In [9]:
# Importing libraries

import numpy as np
import pandas as pd
from datetime import datetime, date
import re

from selenium import webdriver
from selenium.webdriver.common.by import By
from selenium.webdriver.support.ui import WebDriverWait
from selenium.webdriver.support import expected_conditions as EC
from selenium.common.exceptions import TimeoutException
from selenium.webdriver.common.keys import Keys

In [85]:
def scrape_player_data(player_name, player_data = None):
    driver = webdriver.Chrome()  # Replace with your preferred web driver (e.g., Firefox)

    url = 'https://gol.gg/esports/home/'  # Replace with the website URL

    try:
        driver.get(url)

        # Find the search bar and input the player name
        parent_div = driver.find_element(By.CSS_SELECTOR, 'div.selectize-input.items.not-full.has-options')  # Find the input inside the div with class 'selectize-input'
        search_input = parent_div.find_element(By.TAG_NAME, 'input')

        search_input.send_keys(player_name)
        search_input.send_keys(Keys.ENTER)
        # Wait for the player page to load
        WebDriverWait(driver, 10).until(EC.presence_of_element_located((By.ID, 'cbtournament')))  # Replace 'player-info' with an appropriate identifier for the player info

        if player_data == None:
            player_data = {'Player': [], 'Event': []}

        # Find the dropdown selector for seasons
        seasons_dropdown = driver.find_element(By.ID, 'cbtournament')  # Replace 'seasons' with the actual name of the dropdown
        seasons = [option.get_attribute('value') for option in seasons_dropdown.find_elements(By.TAG_NAME, 'option')]

        for season in seasons:
            # Select the season from the dropdown
            seasons_dropdown = driver.find_element(By.ID, 'cbtournament')  # Replace 'seasons' with the actual name of the dropdown
            seasons_dropdown.send_keys(season)
            WebDriverWait(driver, 10).until(EC.presence_of_element_located((By.ID, 'cbtournament')))

            table_elements = driver.find_elements(By.CLASS_NAME, 'table_list')
            
            player_data['Player'].append(player_name)
            player_data['Event'].append(season)

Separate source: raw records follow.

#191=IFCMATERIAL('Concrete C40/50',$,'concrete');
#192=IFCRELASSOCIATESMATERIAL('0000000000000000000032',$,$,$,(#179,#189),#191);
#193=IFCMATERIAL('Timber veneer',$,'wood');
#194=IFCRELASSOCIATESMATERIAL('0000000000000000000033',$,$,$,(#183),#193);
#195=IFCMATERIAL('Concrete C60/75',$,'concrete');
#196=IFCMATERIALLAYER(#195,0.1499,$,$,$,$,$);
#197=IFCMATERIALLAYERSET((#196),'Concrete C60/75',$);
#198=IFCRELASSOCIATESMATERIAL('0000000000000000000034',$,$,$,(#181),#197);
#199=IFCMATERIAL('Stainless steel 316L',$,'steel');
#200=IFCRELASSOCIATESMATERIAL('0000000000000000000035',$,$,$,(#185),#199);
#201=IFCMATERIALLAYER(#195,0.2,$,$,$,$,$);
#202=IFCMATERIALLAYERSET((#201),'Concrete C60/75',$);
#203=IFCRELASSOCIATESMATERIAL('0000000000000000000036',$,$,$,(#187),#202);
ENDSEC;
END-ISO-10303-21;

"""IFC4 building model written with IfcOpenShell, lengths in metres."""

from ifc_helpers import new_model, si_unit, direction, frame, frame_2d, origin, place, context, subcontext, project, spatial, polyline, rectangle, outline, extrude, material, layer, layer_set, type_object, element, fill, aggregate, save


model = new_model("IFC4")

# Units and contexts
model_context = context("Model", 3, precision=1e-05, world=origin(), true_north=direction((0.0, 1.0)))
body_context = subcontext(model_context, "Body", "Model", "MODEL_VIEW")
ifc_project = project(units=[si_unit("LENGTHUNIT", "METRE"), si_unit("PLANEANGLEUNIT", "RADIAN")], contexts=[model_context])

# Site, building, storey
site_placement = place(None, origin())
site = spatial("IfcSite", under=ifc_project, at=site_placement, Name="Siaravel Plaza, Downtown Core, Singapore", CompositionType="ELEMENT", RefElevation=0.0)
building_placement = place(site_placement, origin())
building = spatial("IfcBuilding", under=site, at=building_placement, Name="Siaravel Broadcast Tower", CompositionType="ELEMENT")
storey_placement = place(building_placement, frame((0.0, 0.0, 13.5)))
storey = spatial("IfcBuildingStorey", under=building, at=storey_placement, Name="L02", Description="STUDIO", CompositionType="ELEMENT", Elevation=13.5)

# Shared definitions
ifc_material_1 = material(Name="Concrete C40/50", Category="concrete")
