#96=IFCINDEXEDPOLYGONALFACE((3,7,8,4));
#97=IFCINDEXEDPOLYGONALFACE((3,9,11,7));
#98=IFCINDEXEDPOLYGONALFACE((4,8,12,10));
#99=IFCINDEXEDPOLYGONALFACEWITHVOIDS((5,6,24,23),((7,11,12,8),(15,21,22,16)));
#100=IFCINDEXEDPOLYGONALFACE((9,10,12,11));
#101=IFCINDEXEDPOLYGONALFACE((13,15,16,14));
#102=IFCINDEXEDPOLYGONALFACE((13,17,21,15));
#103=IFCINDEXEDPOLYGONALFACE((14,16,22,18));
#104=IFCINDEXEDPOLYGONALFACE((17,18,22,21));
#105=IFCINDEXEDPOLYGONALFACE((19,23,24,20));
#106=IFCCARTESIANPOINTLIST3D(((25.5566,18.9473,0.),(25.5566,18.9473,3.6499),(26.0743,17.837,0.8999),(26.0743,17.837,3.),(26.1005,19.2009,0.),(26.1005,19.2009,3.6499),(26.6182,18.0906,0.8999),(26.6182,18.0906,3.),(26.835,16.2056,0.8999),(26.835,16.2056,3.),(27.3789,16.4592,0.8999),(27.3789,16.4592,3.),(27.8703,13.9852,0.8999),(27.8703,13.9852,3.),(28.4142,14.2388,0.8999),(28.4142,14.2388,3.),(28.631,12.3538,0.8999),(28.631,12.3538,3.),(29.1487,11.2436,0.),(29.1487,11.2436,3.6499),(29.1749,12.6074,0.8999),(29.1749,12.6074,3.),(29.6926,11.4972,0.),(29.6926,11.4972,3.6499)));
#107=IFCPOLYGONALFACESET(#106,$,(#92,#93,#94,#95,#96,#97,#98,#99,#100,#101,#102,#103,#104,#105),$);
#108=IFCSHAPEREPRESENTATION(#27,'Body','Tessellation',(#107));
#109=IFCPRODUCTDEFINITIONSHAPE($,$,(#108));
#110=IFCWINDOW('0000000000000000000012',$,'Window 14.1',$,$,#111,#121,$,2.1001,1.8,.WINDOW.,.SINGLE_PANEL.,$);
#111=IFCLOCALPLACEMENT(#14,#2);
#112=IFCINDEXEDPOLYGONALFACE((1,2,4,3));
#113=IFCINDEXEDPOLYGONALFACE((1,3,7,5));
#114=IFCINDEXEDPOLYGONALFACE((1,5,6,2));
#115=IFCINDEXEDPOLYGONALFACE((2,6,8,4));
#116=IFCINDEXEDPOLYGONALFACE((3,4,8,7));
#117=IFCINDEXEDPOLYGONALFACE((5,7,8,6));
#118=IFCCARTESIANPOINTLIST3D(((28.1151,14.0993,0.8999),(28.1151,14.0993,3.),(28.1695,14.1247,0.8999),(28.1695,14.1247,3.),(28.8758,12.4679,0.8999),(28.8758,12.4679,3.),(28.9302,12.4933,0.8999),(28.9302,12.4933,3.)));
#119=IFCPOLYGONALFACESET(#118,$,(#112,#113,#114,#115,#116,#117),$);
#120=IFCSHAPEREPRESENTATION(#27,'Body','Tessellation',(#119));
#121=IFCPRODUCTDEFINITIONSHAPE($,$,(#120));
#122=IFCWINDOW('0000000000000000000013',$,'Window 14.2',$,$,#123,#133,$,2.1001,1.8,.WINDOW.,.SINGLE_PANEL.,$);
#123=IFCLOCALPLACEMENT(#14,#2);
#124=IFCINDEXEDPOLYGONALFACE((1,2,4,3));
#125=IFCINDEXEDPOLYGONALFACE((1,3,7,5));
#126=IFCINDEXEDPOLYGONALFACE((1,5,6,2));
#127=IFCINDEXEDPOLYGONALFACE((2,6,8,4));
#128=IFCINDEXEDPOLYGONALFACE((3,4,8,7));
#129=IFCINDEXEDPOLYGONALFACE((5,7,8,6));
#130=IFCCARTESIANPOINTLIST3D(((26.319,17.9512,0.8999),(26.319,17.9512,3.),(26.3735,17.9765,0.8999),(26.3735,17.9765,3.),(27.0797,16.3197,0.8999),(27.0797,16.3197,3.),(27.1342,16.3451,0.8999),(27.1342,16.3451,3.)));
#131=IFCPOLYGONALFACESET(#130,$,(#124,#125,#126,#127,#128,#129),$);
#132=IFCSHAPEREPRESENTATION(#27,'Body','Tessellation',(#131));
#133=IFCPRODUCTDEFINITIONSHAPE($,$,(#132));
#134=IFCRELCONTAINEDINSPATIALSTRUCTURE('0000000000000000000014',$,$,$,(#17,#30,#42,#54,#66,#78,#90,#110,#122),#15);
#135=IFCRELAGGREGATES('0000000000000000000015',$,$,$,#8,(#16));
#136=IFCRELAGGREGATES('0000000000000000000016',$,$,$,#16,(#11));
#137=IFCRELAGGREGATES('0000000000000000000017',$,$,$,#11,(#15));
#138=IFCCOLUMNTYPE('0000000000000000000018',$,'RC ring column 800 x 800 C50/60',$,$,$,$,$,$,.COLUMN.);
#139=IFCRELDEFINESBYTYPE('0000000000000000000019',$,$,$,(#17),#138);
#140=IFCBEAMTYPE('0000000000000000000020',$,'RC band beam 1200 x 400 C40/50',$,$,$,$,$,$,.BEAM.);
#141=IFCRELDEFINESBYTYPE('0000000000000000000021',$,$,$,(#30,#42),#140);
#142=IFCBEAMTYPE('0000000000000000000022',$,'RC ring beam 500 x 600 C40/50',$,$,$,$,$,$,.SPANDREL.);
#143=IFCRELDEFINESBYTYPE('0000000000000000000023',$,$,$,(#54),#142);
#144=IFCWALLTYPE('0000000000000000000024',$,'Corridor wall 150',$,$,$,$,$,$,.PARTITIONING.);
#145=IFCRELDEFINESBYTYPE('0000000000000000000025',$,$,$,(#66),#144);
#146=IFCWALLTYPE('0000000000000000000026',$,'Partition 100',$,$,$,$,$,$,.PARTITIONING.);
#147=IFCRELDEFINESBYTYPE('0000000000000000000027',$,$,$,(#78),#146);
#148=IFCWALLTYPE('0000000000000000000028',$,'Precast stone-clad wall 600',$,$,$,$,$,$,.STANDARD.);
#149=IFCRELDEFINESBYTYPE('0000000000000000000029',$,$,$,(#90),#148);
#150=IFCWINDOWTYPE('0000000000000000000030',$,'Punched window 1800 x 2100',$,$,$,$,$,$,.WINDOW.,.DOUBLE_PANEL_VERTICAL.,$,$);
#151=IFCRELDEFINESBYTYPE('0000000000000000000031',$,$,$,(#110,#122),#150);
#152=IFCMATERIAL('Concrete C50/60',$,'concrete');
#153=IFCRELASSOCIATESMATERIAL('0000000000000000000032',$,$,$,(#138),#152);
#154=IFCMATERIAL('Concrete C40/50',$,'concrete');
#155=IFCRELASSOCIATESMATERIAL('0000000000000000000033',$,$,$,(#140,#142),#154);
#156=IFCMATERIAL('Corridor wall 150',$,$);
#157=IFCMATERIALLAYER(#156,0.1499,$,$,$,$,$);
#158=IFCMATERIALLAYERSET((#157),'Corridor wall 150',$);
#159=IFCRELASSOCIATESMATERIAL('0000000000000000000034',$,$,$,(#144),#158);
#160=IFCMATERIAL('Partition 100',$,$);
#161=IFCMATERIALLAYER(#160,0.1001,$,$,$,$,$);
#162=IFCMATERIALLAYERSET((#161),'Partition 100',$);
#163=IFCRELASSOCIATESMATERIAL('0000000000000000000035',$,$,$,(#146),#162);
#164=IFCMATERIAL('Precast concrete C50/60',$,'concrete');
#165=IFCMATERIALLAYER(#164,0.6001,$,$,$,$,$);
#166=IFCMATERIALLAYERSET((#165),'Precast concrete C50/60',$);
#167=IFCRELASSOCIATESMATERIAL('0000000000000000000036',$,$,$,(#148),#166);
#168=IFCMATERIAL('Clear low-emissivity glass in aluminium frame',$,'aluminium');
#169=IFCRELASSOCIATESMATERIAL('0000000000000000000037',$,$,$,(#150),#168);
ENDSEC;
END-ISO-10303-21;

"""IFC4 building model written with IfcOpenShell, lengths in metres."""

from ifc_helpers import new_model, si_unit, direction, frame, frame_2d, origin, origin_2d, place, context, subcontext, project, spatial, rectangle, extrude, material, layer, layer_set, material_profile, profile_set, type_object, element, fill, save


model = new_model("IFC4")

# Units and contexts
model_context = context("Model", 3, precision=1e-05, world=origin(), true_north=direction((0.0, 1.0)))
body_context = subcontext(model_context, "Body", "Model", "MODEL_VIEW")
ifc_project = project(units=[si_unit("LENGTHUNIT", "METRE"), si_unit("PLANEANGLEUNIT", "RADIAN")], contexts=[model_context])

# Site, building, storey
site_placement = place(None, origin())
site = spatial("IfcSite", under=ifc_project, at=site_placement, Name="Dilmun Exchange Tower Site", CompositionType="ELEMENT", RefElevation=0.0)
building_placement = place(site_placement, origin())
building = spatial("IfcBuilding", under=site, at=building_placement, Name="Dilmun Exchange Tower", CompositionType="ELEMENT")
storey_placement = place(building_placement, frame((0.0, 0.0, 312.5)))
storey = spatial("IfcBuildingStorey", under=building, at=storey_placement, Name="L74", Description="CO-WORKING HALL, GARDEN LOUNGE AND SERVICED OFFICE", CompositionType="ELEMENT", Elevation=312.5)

            for i, table in enumerate(table_elements):
                # Check if the table contains the desired th element with specific text
                th_element = table.find_element(By.TAG_NAME, 'th')
                if th_element.text == 'AGGRESSION' or th_element.text == "VISION" or th_element.text == "EARLY GAME": 
                    # Extract data from the table and add to the season_data dictionary
                    table_data = {}
                    rows = table.find_elements(By.TAG_NAME, 'tr')
                    for row in rows:
                        columns = row.find_elements(By.TAG_NAME, 'td')
                        row_data = [column.text.strip() for column in columns]
                        if len(row_data) and row_data[0] != '':
                            try:
                                player_data[row_data[0]].append(row_data[1])
                            except:
                                player_data[row_data[0]] = [row_data[1]]

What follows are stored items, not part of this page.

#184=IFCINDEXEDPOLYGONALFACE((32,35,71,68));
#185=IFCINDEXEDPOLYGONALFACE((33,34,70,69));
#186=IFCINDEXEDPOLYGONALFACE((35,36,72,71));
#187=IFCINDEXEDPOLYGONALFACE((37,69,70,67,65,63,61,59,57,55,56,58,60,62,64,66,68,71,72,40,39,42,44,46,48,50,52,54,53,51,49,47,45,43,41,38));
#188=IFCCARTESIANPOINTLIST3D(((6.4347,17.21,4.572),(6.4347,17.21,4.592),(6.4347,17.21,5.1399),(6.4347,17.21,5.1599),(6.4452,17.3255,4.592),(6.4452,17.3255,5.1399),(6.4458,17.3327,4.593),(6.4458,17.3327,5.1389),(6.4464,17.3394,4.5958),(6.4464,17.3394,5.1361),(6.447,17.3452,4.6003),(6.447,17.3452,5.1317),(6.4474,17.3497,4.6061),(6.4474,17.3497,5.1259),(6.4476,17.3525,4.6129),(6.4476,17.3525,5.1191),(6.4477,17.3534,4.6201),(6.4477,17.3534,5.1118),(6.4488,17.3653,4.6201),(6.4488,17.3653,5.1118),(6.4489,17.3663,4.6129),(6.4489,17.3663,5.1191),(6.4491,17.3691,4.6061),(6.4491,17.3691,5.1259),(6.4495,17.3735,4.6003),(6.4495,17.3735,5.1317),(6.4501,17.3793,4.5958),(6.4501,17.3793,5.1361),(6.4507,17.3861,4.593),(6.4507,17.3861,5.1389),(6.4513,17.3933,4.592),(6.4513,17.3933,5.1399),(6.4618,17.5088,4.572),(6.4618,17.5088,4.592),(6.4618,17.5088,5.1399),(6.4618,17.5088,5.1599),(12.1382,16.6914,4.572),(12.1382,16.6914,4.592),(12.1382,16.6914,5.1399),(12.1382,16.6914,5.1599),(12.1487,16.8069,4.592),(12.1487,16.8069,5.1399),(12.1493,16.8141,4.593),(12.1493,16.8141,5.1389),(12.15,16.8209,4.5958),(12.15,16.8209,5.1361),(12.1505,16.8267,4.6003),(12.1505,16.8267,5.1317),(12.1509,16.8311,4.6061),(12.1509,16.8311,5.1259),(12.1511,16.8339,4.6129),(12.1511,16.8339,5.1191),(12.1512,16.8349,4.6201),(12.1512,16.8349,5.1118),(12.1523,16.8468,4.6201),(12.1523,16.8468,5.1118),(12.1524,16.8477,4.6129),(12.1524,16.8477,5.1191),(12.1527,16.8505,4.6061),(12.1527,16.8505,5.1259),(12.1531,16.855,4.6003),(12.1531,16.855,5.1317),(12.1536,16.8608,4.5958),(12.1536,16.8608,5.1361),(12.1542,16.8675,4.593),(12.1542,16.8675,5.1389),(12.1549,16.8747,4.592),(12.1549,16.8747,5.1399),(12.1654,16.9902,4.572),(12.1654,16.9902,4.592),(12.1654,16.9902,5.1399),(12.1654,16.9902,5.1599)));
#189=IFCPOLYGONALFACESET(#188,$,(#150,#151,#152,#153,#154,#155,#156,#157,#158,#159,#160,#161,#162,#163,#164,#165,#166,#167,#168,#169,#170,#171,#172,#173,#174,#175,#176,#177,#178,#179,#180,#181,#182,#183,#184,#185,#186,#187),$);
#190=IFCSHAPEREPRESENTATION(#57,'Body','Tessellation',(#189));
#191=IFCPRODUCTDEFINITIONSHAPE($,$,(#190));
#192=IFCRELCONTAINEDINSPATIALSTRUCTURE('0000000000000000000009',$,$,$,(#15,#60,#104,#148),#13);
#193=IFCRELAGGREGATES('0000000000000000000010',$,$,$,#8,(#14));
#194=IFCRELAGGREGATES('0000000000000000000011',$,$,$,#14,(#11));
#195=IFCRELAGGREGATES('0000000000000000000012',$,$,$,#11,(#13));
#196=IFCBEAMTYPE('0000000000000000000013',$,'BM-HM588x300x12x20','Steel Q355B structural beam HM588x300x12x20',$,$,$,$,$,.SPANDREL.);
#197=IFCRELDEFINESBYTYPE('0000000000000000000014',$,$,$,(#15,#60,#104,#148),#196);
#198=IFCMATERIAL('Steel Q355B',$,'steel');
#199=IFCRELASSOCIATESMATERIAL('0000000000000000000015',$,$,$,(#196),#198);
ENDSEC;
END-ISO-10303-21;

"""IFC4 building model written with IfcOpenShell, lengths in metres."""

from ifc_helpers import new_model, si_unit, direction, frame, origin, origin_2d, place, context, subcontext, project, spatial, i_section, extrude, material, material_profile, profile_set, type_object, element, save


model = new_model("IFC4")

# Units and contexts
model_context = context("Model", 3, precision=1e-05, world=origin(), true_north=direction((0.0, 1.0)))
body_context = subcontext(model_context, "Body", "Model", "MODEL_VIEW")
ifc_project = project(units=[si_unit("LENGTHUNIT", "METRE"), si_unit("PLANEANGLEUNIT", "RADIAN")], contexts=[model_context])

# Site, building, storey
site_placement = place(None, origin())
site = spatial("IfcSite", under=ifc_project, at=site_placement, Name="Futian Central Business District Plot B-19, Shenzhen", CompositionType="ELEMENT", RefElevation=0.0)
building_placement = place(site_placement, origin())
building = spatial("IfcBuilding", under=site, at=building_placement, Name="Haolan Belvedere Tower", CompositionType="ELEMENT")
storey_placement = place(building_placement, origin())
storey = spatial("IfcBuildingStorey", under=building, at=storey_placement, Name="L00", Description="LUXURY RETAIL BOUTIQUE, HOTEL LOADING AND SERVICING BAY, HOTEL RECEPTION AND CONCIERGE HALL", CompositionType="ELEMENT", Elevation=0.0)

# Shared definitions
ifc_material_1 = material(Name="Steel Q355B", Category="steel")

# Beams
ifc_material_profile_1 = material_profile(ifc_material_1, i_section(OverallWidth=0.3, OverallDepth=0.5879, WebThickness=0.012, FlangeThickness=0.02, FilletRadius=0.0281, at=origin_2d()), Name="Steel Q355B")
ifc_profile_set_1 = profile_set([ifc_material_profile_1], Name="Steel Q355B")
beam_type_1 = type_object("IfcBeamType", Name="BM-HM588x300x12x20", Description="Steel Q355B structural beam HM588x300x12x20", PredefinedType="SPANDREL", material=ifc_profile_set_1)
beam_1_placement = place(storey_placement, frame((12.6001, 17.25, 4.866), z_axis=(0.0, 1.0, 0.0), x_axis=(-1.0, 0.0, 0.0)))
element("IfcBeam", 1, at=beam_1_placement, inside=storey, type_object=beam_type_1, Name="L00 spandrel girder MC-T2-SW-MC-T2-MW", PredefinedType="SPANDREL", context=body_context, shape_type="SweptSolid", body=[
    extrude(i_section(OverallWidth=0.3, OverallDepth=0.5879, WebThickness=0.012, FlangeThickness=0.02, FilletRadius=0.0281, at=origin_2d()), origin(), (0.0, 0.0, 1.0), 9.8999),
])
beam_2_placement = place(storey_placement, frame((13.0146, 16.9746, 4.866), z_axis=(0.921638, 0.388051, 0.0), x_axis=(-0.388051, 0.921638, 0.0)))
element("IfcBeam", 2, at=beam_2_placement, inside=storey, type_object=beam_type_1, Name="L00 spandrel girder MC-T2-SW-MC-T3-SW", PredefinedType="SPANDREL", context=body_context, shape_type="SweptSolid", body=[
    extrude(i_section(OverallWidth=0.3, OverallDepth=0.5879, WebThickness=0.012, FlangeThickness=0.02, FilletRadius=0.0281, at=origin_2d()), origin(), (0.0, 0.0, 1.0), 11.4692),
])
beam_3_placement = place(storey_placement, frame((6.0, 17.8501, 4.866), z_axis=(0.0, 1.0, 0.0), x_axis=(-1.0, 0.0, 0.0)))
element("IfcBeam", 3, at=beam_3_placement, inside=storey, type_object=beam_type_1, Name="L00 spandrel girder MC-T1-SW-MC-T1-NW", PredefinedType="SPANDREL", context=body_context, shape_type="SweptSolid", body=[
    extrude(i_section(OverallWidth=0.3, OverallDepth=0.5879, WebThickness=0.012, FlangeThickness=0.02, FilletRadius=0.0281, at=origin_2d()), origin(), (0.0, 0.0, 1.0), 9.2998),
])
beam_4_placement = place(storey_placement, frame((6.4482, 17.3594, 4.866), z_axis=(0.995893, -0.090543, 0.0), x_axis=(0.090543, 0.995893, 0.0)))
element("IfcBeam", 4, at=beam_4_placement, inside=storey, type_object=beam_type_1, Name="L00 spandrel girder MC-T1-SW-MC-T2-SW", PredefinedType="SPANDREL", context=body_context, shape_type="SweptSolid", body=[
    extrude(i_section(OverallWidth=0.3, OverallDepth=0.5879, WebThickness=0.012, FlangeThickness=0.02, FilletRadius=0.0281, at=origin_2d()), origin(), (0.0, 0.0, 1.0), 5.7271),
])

                            table_data[row_data[0]] = row_data[1]

        return player_data

    except TimeoutException:
        print(f"Timed out while searching data for {player_name}")
        return None

    finally:
        driver.quit()

if __name__ == '__main__':
    players = ['Alvaro', '113']  # Replace this with your list of player names

    all_players_data = []
    for i,player in enumerate(players):
        if i == 0:
            player_data = scrape_player_data(player)
            print(f"{player} scrapped correctly!")
        else:
            player_data = scrape_player_data(player, player_data)
            print(f"{player} scrapped correctly!")



Alvaro scrapped correctly!
113 scrapped correctly!


In [101]:
df = pd.DataFrame.from_dict(player_data)

In [102]:
# Data formatting

def percentage_to_integer(percentage_str):
    return int(float(percentage_str.strip('%')) + 0.5)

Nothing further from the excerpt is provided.